Was soll denn passieren, mitten in der Stadt, fußläufig 15m vom nächsten Büdchen entfernt? Mittlerweile horten wir Milchvorräte, die uns locker durch den nächsten harten Winter bringen 😉

Ich will nicht klagen, denn ich finde es natürlich gut, dass die Kerls uns das Schleppen von schweren oder unhandlichen Gegenständen abnehmen. So ’ne Lage Milch kommt locker auf 10 Kilo. Ein Kasten Wasser oder eine Palette Dosenbier entsprechend. Aber ich glaube, es ist nicht allein Ritterlichkeit, die hier den Ausschlag gibt. Das ist Bequemlichkeit!

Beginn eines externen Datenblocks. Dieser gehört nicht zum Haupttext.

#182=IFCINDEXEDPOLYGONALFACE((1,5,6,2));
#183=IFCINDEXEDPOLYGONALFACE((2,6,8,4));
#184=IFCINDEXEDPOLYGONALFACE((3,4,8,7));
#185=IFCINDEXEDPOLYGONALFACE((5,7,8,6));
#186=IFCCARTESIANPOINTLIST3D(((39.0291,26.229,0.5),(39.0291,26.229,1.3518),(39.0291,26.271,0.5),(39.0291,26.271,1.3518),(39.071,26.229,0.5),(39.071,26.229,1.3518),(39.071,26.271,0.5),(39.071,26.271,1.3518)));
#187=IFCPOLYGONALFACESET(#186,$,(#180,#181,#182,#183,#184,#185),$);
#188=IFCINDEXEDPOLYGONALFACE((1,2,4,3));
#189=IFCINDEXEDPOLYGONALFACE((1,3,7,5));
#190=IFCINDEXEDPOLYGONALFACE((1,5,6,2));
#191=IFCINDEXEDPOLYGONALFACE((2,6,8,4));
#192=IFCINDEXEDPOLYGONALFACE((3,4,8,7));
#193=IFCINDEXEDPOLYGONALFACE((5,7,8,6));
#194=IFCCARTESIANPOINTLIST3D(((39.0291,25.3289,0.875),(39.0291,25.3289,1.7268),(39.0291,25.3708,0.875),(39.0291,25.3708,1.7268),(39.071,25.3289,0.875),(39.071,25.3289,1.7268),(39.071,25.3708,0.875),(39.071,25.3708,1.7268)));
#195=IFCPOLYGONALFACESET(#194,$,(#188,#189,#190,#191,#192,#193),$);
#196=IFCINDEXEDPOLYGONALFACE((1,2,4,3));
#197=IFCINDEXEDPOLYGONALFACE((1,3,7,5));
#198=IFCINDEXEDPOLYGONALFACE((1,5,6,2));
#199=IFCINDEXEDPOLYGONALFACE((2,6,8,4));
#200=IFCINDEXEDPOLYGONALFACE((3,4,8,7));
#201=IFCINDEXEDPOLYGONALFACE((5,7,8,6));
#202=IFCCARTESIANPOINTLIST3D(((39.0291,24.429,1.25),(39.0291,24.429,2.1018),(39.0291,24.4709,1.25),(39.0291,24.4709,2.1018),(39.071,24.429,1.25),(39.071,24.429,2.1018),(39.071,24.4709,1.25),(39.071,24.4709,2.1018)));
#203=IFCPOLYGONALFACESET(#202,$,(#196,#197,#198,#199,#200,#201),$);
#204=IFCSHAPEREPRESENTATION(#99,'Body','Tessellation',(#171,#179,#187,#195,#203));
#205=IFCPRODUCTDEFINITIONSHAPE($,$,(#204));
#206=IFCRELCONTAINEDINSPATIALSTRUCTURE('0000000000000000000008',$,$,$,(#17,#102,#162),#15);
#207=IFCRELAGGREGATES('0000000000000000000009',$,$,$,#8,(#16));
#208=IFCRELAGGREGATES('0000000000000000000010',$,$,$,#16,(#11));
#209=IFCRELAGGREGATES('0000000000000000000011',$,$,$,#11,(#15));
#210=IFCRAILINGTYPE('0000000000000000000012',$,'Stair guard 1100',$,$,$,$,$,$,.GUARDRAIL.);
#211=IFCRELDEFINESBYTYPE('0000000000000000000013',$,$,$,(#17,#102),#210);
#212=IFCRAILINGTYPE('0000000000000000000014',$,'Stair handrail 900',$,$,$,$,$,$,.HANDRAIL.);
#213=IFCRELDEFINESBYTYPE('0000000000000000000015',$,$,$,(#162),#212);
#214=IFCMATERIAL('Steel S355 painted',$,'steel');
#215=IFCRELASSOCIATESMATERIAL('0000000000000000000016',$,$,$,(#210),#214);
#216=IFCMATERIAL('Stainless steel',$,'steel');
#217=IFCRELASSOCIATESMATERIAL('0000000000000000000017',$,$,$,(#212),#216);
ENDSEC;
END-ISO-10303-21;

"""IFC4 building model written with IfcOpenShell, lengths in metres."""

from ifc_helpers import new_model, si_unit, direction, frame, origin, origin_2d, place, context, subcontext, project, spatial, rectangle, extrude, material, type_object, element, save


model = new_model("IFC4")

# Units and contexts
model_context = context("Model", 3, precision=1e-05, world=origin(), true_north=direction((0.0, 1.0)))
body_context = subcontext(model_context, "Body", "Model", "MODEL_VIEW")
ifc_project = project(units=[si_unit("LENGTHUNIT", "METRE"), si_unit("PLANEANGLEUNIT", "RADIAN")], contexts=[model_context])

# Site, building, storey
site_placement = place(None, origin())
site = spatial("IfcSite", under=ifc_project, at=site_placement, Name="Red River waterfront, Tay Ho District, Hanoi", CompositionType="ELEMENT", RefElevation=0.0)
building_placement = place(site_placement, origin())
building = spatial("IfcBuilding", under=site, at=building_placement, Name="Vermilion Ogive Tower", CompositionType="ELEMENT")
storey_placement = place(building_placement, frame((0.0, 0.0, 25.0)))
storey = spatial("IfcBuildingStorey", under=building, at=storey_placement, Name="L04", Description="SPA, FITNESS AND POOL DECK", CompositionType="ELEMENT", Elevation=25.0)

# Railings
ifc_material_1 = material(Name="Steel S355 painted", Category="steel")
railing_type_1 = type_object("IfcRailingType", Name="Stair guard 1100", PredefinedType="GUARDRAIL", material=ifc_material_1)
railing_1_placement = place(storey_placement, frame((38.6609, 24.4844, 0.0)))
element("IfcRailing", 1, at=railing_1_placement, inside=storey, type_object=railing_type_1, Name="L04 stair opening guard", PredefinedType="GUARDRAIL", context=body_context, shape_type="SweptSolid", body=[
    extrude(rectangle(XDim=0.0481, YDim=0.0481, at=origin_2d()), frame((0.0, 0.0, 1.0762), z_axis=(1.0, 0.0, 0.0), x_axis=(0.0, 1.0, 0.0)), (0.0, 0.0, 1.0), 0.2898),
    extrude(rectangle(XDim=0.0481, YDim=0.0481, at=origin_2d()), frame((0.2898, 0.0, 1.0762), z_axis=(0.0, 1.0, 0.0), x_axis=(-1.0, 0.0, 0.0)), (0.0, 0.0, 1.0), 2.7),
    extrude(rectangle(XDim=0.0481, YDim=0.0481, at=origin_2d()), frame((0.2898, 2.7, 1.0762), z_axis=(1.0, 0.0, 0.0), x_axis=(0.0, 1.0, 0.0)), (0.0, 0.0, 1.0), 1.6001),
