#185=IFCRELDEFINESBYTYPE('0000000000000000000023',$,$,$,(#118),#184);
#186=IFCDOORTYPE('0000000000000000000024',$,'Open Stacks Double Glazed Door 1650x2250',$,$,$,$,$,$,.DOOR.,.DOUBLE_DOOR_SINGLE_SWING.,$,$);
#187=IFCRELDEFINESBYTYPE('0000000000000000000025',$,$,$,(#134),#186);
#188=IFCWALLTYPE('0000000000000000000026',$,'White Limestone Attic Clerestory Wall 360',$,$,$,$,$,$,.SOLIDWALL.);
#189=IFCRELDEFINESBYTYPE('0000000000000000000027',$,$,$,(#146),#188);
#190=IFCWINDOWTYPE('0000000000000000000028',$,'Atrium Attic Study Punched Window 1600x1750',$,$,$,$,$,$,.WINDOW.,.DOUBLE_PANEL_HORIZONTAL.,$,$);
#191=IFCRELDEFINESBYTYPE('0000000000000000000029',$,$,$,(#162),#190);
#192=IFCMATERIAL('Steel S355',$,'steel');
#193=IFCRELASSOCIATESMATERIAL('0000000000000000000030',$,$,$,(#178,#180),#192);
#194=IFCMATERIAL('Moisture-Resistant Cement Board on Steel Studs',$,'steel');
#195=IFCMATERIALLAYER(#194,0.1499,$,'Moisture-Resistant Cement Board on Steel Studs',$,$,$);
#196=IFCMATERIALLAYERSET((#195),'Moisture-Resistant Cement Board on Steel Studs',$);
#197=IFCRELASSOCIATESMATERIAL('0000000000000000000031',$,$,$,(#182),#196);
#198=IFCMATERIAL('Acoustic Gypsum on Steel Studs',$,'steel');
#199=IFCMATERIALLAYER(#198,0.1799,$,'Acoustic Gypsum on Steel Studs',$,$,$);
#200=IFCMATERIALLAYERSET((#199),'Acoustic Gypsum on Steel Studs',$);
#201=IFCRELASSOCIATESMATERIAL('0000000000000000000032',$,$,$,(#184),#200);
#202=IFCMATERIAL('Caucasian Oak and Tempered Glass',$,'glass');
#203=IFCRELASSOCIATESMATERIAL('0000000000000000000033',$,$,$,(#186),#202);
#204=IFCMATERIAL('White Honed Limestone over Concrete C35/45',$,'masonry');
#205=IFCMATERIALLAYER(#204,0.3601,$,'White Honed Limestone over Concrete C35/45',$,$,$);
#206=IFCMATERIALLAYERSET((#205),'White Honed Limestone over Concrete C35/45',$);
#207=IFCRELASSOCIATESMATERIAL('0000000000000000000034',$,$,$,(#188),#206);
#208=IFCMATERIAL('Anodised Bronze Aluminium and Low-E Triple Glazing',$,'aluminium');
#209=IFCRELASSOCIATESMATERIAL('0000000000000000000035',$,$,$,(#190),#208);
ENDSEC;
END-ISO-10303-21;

Toilettenpapier, Milch, Wasser, Dosenbier! Der 4-Elemente-Großeinkauf zur Befriedigung ALLER männlichen Bevorratungsgelüste. Damit ist der Sorgfaltspflicht gegenüber kreativer Haushaltsführung genüge getan! Was darüber hinaus geht, ist Kür und obliegt ganz der weiblichen Phantasie.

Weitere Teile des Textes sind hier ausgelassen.